C'est la guerre qui fait le point sur l'homme et sur le peu qu'il vaut. Arturo Perez-Reverte, un bon narrateur à maxillaires, paraît en tout cas le penser ; le personnage central de son nouveau roman, Andrés Faulques, également. Faulques, ancien photographe de guerre, a une cinquantaine d'années, comme l'auteur. Sa vie est faite. Ses illusions sont oubliées. Il croit qu'on ne peut «contempler le monde qu'à travers les deux seuls systèmes possibles : la logique et la guerre». Quand le roman débute, il s'est voué au premier.
Après trente ans de baroud, il a perdu sur une mine la femme qu'il aimait et qui allait le quitter. Elle s'appelait Olvido («oubli» en espagnol). Ancien mannequin, elle était également photographe. Ils travaillaient côte à côte, mais pas ensemble. Dans la guerre, elle ne photographiait que des natures mortes : un pont, une maison, une poupée détruite. La mémoire de Faulques définit Olvido comme une «touriste du désastre». Le macho, c'est elle : une lame dense et parfaite, un désespoir hautain, de la sensualité et point de lendemain.
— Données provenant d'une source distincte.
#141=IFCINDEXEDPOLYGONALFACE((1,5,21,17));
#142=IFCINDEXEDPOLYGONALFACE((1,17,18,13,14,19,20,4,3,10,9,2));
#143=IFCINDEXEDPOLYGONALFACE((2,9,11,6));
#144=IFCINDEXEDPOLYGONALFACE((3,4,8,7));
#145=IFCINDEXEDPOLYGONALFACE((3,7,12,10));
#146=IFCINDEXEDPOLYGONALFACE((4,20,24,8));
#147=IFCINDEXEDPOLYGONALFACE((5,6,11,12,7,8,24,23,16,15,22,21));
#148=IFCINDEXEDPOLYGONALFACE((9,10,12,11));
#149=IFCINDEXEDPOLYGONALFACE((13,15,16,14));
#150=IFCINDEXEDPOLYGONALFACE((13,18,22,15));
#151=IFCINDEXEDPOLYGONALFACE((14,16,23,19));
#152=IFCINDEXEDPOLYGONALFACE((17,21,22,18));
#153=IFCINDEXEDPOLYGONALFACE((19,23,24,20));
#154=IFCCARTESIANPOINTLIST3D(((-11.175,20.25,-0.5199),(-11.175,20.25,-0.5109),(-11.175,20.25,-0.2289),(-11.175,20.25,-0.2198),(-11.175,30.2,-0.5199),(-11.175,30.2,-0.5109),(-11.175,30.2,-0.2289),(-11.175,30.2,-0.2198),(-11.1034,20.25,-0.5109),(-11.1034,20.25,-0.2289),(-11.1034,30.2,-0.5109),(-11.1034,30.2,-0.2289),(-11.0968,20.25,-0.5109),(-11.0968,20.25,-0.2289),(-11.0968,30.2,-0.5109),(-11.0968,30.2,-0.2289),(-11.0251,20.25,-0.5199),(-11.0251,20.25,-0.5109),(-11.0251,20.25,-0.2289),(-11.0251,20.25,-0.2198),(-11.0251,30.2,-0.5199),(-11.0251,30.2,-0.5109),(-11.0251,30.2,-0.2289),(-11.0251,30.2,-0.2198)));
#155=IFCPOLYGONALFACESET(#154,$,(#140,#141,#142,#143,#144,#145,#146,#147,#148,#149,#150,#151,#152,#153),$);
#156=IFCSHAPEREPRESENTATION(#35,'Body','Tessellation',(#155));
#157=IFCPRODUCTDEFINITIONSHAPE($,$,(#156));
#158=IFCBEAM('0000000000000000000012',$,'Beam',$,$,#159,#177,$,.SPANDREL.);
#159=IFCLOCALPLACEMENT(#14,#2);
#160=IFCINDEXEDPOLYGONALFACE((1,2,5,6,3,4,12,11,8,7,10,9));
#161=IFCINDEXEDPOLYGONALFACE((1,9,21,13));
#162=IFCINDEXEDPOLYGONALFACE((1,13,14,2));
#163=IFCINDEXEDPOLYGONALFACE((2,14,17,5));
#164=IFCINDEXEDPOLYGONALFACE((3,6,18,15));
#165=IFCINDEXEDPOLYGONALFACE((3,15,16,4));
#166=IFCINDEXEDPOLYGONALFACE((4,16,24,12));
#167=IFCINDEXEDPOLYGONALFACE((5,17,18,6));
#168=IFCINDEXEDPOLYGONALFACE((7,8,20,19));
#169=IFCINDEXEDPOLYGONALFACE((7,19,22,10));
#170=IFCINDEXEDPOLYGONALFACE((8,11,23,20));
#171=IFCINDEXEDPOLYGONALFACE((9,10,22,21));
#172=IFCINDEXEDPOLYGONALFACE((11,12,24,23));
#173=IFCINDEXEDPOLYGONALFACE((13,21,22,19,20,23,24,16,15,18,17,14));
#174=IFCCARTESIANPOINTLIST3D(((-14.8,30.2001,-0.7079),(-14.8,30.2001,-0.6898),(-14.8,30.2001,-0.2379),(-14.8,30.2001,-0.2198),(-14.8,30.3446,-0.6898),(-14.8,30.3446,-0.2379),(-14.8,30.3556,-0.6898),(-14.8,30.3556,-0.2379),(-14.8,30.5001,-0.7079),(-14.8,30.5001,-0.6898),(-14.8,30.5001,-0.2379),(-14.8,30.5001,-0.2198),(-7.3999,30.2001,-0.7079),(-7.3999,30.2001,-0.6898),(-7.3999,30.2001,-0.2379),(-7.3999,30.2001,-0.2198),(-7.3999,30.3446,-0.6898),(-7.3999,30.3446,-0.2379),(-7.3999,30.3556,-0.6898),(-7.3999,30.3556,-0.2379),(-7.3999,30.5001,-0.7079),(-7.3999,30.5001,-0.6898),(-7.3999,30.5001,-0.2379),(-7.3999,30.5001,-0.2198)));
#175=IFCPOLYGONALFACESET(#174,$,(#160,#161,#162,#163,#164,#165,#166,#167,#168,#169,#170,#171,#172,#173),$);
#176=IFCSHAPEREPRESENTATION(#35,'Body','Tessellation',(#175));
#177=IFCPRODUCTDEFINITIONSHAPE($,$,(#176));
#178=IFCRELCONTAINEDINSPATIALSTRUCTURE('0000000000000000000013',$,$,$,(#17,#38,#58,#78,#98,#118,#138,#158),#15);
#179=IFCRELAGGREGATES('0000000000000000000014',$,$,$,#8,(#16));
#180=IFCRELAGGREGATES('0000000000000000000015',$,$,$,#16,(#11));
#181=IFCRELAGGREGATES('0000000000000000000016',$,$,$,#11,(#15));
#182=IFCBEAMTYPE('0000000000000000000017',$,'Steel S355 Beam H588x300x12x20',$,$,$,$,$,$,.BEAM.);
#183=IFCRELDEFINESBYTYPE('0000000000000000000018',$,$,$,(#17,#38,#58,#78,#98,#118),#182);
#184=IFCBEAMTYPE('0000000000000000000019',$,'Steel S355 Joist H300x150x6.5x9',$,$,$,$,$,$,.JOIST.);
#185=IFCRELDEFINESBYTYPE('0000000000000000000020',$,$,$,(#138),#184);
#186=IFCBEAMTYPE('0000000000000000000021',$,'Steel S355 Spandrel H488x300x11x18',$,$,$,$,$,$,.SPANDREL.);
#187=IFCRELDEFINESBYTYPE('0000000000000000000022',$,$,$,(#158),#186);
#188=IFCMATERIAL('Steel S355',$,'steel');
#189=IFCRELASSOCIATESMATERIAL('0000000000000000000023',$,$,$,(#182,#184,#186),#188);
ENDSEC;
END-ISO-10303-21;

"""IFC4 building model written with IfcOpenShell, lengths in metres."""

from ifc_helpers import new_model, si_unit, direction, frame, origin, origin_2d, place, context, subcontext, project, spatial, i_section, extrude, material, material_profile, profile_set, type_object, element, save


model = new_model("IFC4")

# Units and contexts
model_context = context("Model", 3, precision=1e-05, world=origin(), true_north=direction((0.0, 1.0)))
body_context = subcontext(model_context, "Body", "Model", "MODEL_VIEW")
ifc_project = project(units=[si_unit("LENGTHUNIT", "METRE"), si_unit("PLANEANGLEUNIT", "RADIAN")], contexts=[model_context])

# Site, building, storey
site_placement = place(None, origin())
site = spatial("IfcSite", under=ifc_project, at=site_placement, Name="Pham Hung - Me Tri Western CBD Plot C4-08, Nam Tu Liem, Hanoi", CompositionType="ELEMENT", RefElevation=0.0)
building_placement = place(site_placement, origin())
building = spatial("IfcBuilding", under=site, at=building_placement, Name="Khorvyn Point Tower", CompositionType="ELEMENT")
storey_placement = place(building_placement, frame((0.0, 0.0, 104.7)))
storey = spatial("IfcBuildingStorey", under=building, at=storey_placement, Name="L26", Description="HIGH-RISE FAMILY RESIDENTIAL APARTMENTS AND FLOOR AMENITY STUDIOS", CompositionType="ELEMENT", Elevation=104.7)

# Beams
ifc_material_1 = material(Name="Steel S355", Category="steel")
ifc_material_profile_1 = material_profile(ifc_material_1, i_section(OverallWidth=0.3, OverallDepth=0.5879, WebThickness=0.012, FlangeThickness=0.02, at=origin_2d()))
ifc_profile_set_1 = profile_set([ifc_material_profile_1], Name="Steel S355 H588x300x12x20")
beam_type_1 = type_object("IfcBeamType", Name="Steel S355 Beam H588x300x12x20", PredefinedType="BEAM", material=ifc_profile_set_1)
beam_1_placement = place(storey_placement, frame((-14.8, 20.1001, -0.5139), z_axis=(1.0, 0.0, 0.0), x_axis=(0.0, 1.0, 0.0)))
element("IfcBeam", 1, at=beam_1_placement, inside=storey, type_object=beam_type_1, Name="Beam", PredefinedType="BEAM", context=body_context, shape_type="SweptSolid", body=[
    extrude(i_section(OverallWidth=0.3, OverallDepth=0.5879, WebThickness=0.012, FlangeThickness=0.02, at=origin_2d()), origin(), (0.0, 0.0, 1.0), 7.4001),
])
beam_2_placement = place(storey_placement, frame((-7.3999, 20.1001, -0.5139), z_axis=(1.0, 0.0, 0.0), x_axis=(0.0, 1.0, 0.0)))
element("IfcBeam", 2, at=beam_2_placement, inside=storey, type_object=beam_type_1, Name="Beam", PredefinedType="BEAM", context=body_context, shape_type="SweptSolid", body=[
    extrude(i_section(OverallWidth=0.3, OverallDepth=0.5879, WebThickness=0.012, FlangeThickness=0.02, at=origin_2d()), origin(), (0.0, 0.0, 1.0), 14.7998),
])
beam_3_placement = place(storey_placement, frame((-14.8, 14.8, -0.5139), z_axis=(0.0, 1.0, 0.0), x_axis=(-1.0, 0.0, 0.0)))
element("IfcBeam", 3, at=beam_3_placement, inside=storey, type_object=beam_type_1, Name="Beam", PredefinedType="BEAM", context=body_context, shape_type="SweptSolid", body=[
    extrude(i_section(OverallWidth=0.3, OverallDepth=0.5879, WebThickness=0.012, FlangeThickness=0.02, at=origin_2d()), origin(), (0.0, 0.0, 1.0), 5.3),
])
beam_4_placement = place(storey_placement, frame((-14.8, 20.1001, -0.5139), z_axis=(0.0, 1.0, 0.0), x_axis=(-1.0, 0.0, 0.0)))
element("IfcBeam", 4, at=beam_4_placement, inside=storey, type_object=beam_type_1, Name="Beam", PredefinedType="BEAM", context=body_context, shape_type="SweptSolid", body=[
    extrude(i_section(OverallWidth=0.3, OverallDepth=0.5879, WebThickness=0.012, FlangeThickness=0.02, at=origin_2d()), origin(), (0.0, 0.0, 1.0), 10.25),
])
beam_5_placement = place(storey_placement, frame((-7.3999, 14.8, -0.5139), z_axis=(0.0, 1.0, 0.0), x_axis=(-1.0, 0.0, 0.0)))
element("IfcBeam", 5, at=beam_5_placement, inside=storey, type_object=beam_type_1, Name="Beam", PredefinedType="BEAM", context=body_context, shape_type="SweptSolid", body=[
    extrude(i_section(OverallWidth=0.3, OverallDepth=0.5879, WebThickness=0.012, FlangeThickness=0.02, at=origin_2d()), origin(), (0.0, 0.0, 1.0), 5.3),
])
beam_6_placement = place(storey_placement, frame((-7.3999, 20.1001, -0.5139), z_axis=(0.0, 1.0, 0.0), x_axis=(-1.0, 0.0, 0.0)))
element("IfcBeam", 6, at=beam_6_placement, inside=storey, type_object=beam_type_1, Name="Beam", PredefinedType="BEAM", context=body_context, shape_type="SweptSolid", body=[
Faulques la photographie tandis qu'elle meurt, sans savoir pourquoi. Par réflexe ? Ou pour une raison plus inavouable ? Plus tard, il suit le procès d'un tueur serbe. L'homme raconte paisiblement le viol, la torture et l'assassinat d'une jeune Bosniaque. Faulques tient le visage de l'homme dans l'objectif : «Un visage insignifiant, vulgaire, qu'en temps de paix on aurait considéré comme celui d'un pauvre type.»